I could get used to this heart rate thing. My watch, which is a Polar watch, is nice. If you haven't read the post about me getting one, skip down below and then come back here. It'll make more sense.
I strapped on the sensor around my torso and went about my workout. One unexpected positive side effect was that the machines I used read my heart rate monitor as well. The bike I used to warm up and the treadmill I used during my cardio portion of my workout had the same measurements as my watch did.
My resting heart rate was at around 51 or so, which is pretty good. I got my heart rate up to around 120 after my 5-minute warmup session. I did four different weightlifting exercises, all on machines. I found that my third set in each was the one my heart rate increased the most afterwards. I got my heart rate up to the 140s during the third sets of all of them. For the most part, though, it was around 120 or 130.
On the cardio part, I saw some intersting things. I wish I could have kept track of the times and the heart rates during those specific times but I made some mental notes.
After my 5-minute warmup, my heart rate was at about 120 or so. Initially, my heart rate got up to around 160 when I ran at 7.3 and dipped down to the low 150s during the 5.7 times. At the end of my first 12-minutes of rounds, my heart rate was somewhere in the low 160s during the last 5.7 run. I walked three minutes and it got down to the high 140s.
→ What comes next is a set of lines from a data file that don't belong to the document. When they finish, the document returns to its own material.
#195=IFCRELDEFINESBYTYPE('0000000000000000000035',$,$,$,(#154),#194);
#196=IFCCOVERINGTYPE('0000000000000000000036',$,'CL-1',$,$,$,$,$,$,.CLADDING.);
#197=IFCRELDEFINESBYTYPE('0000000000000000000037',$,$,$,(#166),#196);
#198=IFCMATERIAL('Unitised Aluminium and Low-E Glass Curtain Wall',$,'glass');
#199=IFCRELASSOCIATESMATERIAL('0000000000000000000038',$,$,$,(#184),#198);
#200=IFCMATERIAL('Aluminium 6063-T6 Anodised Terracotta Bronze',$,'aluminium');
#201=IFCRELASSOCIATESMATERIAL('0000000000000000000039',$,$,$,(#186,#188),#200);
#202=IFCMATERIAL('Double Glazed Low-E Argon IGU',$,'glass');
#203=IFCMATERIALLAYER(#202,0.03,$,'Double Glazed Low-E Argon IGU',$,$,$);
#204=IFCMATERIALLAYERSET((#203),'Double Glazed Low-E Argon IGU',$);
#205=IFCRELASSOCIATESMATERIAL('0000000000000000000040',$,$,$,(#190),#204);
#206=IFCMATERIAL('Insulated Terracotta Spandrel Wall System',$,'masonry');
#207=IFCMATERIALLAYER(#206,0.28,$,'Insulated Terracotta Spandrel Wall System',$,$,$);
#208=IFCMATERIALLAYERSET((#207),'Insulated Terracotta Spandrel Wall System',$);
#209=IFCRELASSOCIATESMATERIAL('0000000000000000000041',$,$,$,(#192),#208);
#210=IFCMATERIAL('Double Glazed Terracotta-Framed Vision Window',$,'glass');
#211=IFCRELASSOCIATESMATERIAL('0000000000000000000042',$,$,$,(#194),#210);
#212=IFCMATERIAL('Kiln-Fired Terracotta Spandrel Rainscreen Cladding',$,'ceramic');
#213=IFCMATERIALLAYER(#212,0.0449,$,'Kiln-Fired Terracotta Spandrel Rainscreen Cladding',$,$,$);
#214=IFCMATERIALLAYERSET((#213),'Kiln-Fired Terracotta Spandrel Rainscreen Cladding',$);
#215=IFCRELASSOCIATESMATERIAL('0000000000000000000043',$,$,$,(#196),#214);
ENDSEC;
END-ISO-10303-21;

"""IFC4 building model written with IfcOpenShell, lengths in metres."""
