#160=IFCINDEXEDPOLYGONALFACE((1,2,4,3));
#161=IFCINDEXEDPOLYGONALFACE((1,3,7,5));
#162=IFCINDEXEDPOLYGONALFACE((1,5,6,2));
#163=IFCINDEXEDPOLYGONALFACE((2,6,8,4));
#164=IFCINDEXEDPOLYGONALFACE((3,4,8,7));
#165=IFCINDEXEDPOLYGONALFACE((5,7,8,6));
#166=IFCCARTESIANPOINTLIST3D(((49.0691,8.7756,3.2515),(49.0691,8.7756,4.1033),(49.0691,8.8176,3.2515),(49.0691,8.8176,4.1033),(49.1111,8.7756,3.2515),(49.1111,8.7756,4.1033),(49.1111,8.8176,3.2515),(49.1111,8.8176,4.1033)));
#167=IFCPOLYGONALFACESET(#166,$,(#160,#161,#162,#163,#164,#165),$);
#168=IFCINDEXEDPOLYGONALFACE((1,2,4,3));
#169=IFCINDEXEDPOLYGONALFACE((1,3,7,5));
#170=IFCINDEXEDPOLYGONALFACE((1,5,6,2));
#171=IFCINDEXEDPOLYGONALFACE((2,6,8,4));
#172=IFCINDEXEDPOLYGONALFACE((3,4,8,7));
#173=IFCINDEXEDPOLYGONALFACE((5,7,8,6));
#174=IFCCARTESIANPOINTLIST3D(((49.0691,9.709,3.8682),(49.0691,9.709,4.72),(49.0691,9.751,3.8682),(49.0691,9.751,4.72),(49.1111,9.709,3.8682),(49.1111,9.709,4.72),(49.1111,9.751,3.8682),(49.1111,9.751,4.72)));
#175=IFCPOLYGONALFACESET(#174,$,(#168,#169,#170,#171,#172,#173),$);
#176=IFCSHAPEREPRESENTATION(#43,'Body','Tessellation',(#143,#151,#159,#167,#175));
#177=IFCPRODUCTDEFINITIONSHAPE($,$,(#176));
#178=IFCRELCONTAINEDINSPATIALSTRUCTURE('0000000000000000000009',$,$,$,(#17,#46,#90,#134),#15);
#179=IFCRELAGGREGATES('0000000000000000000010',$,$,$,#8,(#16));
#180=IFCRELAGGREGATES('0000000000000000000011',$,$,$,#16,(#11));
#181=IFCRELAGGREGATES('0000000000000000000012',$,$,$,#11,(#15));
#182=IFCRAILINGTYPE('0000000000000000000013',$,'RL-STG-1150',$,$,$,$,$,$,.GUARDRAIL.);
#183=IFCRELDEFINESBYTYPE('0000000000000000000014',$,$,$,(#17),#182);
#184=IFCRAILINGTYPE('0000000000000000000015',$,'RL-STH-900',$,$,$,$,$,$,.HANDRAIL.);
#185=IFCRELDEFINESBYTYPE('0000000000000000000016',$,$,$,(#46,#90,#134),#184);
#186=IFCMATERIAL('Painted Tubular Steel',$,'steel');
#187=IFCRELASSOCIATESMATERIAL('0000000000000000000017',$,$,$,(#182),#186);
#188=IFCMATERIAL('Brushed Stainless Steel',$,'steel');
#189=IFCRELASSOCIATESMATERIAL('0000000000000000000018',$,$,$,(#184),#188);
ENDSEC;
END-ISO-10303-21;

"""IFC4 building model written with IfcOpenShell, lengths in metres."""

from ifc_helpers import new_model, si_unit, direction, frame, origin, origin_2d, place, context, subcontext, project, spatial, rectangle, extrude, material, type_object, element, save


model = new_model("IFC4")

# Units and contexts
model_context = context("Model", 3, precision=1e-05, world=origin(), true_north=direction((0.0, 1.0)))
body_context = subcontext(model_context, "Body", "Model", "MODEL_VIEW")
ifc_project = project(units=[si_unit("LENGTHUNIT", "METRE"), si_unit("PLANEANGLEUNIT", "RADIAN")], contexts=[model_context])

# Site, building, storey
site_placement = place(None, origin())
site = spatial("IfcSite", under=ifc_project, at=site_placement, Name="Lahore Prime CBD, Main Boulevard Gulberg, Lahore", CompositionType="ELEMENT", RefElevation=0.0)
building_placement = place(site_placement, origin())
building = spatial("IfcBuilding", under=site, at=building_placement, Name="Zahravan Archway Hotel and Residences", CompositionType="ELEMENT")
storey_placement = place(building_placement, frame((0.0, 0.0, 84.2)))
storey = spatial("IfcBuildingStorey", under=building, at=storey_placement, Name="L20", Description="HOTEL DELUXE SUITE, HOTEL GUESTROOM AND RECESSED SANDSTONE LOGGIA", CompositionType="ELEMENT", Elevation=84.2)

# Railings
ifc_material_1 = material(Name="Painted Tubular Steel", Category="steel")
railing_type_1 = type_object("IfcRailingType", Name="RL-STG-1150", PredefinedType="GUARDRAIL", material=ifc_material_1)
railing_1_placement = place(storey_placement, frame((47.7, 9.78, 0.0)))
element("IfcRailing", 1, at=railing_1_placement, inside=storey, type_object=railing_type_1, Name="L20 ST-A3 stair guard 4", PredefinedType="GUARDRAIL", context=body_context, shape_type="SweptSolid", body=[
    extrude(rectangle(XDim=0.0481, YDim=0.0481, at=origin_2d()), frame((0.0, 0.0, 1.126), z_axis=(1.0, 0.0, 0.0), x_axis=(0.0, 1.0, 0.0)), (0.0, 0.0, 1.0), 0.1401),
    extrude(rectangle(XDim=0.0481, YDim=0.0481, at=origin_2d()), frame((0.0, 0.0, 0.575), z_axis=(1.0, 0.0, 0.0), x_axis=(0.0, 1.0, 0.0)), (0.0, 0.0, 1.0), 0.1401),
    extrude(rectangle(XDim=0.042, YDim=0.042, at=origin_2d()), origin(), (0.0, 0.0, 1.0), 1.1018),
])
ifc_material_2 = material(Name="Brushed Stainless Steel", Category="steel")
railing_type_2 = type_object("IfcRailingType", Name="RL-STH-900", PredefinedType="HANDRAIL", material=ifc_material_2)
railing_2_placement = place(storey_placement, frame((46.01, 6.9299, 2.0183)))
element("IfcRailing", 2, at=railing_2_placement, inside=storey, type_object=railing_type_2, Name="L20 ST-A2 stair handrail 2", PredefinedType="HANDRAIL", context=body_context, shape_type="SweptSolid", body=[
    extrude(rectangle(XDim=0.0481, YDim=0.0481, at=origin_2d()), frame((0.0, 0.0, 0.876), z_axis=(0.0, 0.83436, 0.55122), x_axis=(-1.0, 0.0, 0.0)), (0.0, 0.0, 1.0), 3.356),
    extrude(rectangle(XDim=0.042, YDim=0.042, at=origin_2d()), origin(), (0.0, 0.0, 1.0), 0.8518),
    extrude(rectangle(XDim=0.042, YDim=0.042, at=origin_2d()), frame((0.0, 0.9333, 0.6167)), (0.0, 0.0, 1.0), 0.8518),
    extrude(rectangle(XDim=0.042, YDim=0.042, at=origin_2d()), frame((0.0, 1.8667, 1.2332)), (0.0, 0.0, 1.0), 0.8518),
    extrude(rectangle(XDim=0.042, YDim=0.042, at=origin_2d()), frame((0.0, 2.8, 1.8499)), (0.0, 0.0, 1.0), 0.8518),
But my heart rate was consistently high afteward. I was at or above 170 for most of the following 7.3 runs. During the last portion of my interval session, I noticed that my heart rate was staying higher. It was in the mid-160s during my 5.7 runs and got up to the mid-170s during the 7.3 runs. So even though I hadn't maintained the same consistent pace, my heart rate was going up and down and overall was pretty high, which is a good thing.
My two-minute sprint, which is at minutes 35 and 36 of the entire 42-minute session, were pretty high. I was at the high 170s and got up to my maximum heart rate of 187 by the end. It was interesting to see it climb and climb as I ran and ran. Monday was the fastest I've ever run on the 'mill before as I got it up to a 9.0. It was certainly challenging but something I was able to accomplish without a lot of extra effort, so I suppose in some ways it's time to amp up those cardio sessions. Maybe I'll go to a 6.0 and 7.5. We'll see.
So here are the statistics from my first Polar workout session:
Total time: 1:09:03
In zone: 36:40
Avg hr: 143
Max hr: 187
I'll have to figure out what my target heart rate zone is. If and when I go see my doctor I'll try and find that information out. Until then, I'll have to scour the Web to see what I come up with.
I suppose my next challenge will be using the Polar watch to see how I run during my outdoor running sessions, but for now I've been limited to the gym. I am anxious to see how I do outside with the watch so I'll go on a run this week with it and see how my heart rate differs from the gym workouts.